Was out yesterday 7:30am to 7 pm. No one catching anything. ODNR was out putting fish structures out in the lake on


----------



## BuckeyeFishin07 (Apr 10, 2017)

I agree with all the guys saying it is the shad. The winter didn't get cold enough to kill any of them off so now they are spawning again this year and there are just too many. That is just my opinion though.


----------



## smilinjimt (Jun 15, 2008)

Hello,
I've not fished Pamytuning since last November, but I do intend to get there soon. I would think though that having an over abundance of any baitfish (shad) in a body of water is to the benefit of the quality of the gamefish that lake produces, and therefore eventually to the individual fisherman. In a situation like this I would first try to locate the schools of baitfish (whether by sight or electronics). If you can find a school of shad you'll almost certainly find predators working the school. Work the area with shad imitating lures on the periphery,throw in some erratic action to simulate an injured shad, and you are showing those predators what they are looking for. Don't be afraid of experimenting, formulate and execute a plan based on whatever situation you are dealt by the fishing gods. We all have our favorite techniques and lures, but there are times when we must adapt our presentations to match the circumstances we are facing. See you on the water.


----------



## Eyecrosser (Apr 10, 2016)

Your idea of following the shad is a good idea but with the over abundance of shad you'll be chasing bait schools all over the lake. The eyes don't have to chase the schools, they come to them. I don't bother to fish early at Pymie but catch all my eyes from now till the end of July. I hardly fish any structure but pay attention to depths of my lures. Trolling will present your lure to more fish increasing the opportunity to catch more fish. Find the thermaclime and fish just above it.


----------



## smilinjimt (Jun 15, 2008)

Trolling is a very effective technique and at times I use it. You also probably fish Pymatuning more than I do. I was just offering a suggestion that might be of help given the situation. Another option would be to target a species that the shad population doesn't affect as much. Panfish might be an option now that the spawn is done, as they should be moving into their summer patterns. Some bull gills make fine eating, and Pymie has plenty of them. Drop-shotting near the causeway with minnows or worms should be fairly productive for crappies, sunnies, and perch, plus an occasional predator of good size. Vertical or near vertical presentations in all those snags will be more effective than fishing from shore. I hope this helps, see you on the water.


----------



## ignantmike (Apr 30, 2005)

going to try drifting this Saturday......nightcrawlers and minnows.....some friends rented a pontoon for 5 hours.....south end by the duckndrake.....


----------



## chaunc (Apr 11, 2004)

Just read the local fish report from Darl Black. He covers Pymatuning lake too. Said the eye bite is picking up pretty good in the last week. All the baitshop have reports of the same thing. Some deep some in as shallow as seven feet near weeds. Hope this helps.


----------



## ignantmike (Apr 30, 2005)

chaunc said:


> Just read the local fish report from Darl Black. He covers Pymatuning lake too. Said the eye bite is picking up pretty good in the last week. All the baitshop have reports of the same thing. Some deep some in as shallow as seven feet near weeds. Hope this helps.

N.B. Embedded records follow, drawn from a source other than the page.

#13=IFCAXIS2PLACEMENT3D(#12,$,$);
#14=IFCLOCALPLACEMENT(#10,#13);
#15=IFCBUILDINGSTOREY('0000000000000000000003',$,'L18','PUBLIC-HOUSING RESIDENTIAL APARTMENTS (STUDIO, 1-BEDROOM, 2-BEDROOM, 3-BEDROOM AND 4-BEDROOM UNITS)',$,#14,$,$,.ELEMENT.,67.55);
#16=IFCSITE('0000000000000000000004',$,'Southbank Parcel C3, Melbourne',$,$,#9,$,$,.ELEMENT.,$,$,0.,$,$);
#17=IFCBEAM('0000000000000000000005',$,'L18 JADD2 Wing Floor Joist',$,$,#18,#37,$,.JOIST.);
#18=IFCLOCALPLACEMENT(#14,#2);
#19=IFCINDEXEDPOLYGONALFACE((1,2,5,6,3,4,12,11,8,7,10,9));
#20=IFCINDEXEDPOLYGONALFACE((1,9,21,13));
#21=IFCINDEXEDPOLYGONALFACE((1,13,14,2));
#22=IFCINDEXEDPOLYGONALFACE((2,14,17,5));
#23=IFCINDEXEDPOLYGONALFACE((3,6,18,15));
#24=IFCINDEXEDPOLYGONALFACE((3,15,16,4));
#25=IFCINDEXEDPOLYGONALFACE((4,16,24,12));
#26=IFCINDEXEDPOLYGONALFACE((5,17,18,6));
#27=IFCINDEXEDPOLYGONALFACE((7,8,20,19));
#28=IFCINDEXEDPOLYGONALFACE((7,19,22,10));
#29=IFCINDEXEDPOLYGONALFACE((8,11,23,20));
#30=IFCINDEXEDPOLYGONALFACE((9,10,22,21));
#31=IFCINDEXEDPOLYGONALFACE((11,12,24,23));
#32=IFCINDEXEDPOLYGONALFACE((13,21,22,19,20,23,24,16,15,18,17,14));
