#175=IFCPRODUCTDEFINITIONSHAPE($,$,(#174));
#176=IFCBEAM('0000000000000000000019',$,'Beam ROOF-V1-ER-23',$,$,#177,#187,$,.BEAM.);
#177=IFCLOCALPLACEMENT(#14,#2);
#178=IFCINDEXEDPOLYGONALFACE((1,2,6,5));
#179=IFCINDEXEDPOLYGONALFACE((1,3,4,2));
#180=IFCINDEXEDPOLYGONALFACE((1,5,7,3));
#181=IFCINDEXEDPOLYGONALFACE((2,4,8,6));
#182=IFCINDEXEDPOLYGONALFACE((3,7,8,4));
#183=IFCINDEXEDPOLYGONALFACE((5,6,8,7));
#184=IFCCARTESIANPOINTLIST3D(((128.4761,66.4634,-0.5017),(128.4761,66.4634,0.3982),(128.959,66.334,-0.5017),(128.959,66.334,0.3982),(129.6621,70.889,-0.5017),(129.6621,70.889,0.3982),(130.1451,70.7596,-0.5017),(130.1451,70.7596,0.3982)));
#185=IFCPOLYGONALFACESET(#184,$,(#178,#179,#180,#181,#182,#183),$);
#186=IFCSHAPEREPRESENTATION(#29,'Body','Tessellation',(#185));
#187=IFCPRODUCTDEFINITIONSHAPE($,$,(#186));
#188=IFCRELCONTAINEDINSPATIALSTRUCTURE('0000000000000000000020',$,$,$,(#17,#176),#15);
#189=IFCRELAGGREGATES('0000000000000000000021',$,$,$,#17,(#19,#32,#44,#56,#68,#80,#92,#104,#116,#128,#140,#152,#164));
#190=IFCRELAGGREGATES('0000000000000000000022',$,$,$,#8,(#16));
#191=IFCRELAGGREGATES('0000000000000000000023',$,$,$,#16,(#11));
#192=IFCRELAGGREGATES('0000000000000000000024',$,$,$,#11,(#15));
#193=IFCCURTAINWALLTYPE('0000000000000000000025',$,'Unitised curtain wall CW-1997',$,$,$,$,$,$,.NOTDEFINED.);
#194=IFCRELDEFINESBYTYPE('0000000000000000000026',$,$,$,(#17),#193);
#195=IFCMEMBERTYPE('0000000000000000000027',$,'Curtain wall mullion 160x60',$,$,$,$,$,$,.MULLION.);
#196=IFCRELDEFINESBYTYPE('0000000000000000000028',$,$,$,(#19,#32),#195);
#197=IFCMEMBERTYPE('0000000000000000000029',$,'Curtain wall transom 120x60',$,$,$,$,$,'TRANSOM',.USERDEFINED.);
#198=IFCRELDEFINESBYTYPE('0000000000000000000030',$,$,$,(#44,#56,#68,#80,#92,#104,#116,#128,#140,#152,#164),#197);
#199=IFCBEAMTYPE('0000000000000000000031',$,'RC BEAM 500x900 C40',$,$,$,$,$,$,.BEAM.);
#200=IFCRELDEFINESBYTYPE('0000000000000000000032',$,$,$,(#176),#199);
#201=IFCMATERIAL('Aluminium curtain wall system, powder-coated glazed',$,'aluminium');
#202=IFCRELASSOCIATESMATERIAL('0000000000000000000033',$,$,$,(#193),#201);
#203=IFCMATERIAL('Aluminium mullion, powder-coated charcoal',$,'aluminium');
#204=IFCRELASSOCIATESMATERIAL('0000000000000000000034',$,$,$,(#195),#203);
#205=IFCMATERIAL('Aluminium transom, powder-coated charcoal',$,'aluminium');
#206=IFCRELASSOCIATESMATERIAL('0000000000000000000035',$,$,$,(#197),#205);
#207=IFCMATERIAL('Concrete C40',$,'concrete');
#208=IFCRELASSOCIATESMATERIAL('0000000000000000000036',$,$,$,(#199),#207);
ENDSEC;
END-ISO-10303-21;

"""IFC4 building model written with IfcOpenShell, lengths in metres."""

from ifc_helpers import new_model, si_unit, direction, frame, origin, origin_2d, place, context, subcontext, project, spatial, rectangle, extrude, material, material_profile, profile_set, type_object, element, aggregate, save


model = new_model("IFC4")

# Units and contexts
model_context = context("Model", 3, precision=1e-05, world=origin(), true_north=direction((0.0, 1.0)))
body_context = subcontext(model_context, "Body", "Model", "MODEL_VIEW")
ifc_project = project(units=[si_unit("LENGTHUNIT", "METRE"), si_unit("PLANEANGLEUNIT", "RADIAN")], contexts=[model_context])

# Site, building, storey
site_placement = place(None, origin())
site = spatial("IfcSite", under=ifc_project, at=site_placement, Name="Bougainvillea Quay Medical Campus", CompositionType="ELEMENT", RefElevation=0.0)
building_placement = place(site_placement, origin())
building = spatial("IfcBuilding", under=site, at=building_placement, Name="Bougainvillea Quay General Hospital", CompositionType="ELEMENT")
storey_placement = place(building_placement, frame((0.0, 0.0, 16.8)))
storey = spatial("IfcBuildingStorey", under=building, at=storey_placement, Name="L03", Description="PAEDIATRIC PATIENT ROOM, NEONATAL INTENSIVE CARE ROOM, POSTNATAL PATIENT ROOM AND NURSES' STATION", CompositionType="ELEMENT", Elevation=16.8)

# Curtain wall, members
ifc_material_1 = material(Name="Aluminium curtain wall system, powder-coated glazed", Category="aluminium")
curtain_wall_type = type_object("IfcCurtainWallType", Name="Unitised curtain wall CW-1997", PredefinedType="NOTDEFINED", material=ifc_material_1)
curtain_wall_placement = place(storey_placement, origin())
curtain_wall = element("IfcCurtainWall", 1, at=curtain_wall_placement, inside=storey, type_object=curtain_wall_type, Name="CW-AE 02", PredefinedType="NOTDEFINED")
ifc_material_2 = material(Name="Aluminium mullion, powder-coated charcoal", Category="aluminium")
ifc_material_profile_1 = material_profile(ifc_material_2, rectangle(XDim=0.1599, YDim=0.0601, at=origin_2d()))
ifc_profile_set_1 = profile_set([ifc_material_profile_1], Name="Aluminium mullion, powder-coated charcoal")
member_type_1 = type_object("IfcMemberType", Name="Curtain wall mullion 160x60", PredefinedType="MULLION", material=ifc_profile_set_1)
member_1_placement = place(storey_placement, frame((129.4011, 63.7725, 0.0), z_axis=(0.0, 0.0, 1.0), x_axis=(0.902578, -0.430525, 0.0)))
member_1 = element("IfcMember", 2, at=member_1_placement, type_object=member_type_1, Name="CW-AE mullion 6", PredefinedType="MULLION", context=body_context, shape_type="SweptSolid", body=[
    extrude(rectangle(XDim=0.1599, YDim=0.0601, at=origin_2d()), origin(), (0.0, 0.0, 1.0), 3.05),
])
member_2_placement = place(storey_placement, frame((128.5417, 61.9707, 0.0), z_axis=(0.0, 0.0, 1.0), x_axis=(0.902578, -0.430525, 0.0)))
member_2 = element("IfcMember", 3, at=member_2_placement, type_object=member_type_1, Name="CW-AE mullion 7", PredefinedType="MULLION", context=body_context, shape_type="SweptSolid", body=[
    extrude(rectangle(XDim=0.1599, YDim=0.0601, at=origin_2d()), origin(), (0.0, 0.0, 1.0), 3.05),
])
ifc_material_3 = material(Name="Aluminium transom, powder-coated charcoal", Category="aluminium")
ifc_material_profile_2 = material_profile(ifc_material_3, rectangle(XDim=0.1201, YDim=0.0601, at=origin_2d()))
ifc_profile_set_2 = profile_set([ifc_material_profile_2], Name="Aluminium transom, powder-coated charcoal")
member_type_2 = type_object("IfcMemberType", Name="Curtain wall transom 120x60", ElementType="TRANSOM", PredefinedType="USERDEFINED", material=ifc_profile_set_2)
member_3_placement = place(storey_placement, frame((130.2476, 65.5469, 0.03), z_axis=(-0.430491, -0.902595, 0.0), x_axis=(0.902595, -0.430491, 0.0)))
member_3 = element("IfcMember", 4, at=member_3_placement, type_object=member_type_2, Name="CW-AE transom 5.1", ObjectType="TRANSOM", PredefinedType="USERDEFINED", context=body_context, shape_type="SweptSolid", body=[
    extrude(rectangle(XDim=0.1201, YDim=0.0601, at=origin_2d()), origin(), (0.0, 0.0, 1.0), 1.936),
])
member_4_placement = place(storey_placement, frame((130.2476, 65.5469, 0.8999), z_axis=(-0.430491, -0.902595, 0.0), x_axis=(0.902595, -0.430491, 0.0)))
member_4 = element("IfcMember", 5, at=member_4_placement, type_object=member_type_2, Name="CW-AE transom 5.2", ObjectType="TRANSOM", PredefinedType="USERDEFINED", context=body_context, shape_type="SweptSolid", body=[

thank's......everyone going is pretty inexperienced....so it will be interesting to say the least...


----------



## Eyecrosser (Apr 10, 2016)

Yep they really must be biting. Saw a total of 4 boats the other morning from bay 41 to the dam.


----------



## 3 dog Ed (Apr 25, 2014)

Great fish, love the photo it's a dandy!!


----------



## kayak1979 (Jul 13, 2014)

I stopped at Gateway Bait & Tackle and spoke to the owner and he said the past 30 years I believe there has only been 2 years that he hasn't been able to ice fish on Pymatuning and this last season was one of them. With that he told me that there would be an over abundance of shad fish and things might not heat up for walleye bite until July. He also informed me that he had heard that the PA Game Commission released thousands of shad as well, but I couldn't find any exact information on that with a search online. That could play a role as well in the slower fishing this season.


----------



## Eyecrosser (Apr 10, 2016)

Fished Pymie this morning for 4 hours trolling. Trolled 7 miles. Caught one eye that measured 27" that I put back. Don't like to eat those big ones. Only hit I had.


----------



## Minnowhead (Jan 12, 2011)

Walleye bite has been extremely slow this year. But the size perch we are getting is crazy!


----------



## ignantmike (Apr 30, 2005)

ignantmike said:


> going to try drifting this Saturday......nightcrawlers and minnows.....some friends rented a pontoon for 5 hours.....south end by the duckndrake.....


well...did more cruising than fishing.....nothing caught.


----------